That's a good idea Preston! I will try that.


----------



## ryan barker (Jul 21, 2011)

heh heh. that's when i would have explained that the economy is based entirely on the velocity of money. and that by virtue of being a small business, i'm far more apt to put money back into the system, generating revenue for other businesses, taxes for the gov't to misspend and jobs. therefore, *he* should be ordering shirts from me, not me giving money to some company to squander by whatever means the CEO and CFO decide will make them millions that will sit in a bank or slumber idle by some financial instrument, further undermining the financial infrastructure. that, indeed!, money saved is jobs lost! 

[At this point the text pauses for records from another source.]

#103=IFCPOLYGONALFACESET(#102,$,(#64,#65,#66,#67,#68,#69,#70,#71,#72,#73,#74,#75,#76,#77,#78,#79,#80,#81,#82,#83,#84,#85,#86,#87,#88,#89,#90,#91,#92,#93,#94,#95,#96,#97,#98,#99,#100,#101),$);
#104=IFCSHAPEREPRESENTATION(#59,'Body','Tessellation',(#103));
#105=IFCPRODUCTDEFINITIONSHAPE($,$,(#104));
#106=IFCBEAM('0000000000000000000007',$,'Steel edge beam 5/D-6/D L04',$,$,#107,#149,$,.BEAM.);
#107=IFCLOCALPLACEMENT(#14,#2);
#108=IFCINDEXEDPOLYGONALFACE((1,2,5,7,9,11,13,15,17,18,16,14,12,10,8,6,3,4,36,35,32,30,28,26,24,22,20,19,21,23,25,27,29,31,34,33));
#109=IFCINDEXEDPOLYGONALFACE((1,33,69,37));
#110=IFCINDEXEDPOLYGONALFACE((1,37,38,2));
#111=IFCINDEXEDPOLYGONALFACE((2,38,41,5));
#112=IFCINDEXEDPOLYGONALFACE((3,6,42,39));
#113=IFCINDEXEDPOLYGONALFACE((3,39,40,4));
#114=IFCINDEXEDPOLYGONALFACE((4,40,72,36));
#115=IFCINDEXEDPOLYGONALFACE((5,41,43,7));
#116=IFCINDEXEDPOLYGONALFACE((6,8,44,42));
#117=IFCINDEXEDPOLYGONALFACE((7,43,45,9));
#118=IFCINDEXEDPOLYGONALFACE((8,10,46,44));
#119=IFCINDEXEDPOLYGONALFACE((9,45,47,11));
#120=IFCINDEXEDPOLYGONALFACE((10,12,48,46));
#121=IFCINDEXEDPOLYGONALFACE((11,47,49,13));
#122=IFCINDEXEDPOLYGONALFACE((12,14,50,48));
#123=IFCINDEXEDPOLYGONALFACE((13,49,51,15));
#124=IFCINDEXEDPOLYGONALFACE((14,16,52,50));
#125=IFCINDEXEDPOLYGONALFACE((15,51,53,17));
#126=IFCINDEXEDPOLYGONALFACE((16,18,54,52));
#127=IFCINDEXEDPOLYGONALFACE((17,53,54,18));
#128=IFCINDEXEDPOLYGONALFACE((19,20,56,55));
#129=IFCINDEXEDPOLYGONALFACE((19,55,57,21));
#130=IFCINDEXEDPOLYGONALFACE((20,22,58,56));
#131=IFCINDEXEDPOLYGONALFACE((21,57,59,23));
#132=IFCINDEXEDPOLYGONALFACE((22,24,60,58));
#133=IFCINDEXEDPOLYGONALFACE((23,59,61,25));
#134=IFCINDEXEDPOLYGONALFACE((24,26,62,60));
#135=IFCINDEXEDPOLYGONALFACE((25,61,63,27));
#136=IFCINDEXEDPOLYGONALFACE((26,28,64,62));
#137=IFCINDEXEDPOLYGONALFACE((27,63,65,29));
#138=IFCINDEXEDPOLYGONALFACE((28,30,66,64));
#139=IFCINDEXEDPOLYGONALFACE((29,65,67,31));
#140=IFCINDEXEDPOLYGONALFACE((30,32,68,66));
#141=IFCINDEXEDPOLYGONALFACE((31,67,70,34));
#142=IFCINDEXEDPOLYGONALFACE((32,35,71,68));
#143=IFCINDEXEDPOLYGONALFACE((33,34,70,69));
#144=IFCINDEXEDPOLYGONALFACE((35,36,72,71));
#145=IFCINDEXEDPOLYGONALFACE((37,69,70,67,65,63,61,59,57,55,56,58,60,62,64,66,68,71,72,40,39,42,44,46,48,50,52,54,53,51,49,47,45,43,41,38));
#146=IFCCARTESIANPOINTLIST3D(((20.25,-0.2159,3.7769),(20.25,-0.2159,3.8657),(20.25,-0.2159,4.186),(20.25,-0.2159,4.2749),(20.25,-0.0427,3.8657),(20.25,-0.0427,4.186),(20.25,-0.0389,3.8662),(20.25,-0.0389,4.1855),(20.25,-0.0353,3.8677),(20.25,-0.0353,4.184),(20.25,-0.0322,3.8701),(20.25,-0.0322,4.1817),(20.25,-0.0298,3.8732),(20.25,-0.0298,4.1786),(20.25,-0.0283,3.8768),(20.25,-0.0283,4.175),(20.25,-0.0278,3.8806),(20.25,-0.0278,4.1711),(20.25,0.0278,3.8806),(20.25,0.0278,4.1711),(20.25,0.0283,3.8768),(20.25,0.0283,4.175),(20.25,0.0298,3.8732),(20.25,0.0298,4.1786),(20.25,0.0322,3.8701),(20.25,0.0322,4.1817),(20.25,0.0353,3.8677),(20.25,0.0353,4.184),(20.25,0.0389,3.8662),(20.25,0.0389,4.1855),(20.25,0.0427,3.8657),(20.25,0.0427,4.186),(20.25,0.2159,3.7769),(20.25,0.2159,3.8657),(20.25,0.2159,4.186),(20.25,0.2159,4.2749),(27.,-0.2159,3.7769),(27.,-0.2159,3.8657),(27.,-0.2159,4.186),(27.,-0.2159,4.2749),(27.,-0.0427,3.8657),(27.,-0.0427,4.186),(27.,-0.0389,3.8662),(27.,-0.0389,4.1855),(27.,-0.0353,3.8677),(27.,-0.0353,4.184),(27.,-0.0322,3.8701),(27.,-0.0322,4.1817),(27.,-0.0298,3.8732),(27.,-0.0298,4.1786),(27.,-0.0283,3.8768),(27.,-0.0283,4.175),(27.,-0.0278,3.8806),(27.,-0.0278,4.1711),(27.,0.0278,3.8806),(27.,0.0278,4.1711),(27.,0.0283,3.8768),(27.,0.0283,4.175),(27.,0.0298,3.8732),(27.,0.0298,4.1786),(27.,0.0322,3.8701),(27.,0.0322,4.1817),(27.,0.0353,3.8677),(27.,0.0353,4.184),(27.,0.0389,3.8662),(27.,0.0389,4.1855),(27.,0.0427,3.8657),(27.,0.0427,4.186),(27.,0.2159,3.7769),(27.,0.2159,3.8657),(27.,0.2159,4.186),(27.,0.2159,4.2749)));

then again, i have to be in the mood for that kind of rant....


----------



## Fenrir (Mar 13, 2012)

Also make sure you will be relevant to the business. Right now we run warehouse storage for business equipment. We had Penske come in and try to sell us truck rental services. "Everyone needs it. Great way to make money on the side!" Doing _what_!? Running around in half a semi for kicks? We couldn't even offer truck rentals to a customer moving in... why would they re-rent a Penske truck from us when they could go straight to Penske? The same goes for the insane amount of "private jet rental" calls we've been getting for a tiny business that has zero need for such a thing. At least t-shirt printing is a lot more "universal" but franchises and larger chain stores are very unlikely to even be allowed to use someone outside the "approved vendors" list for shirts, they probably get them direct from corporate.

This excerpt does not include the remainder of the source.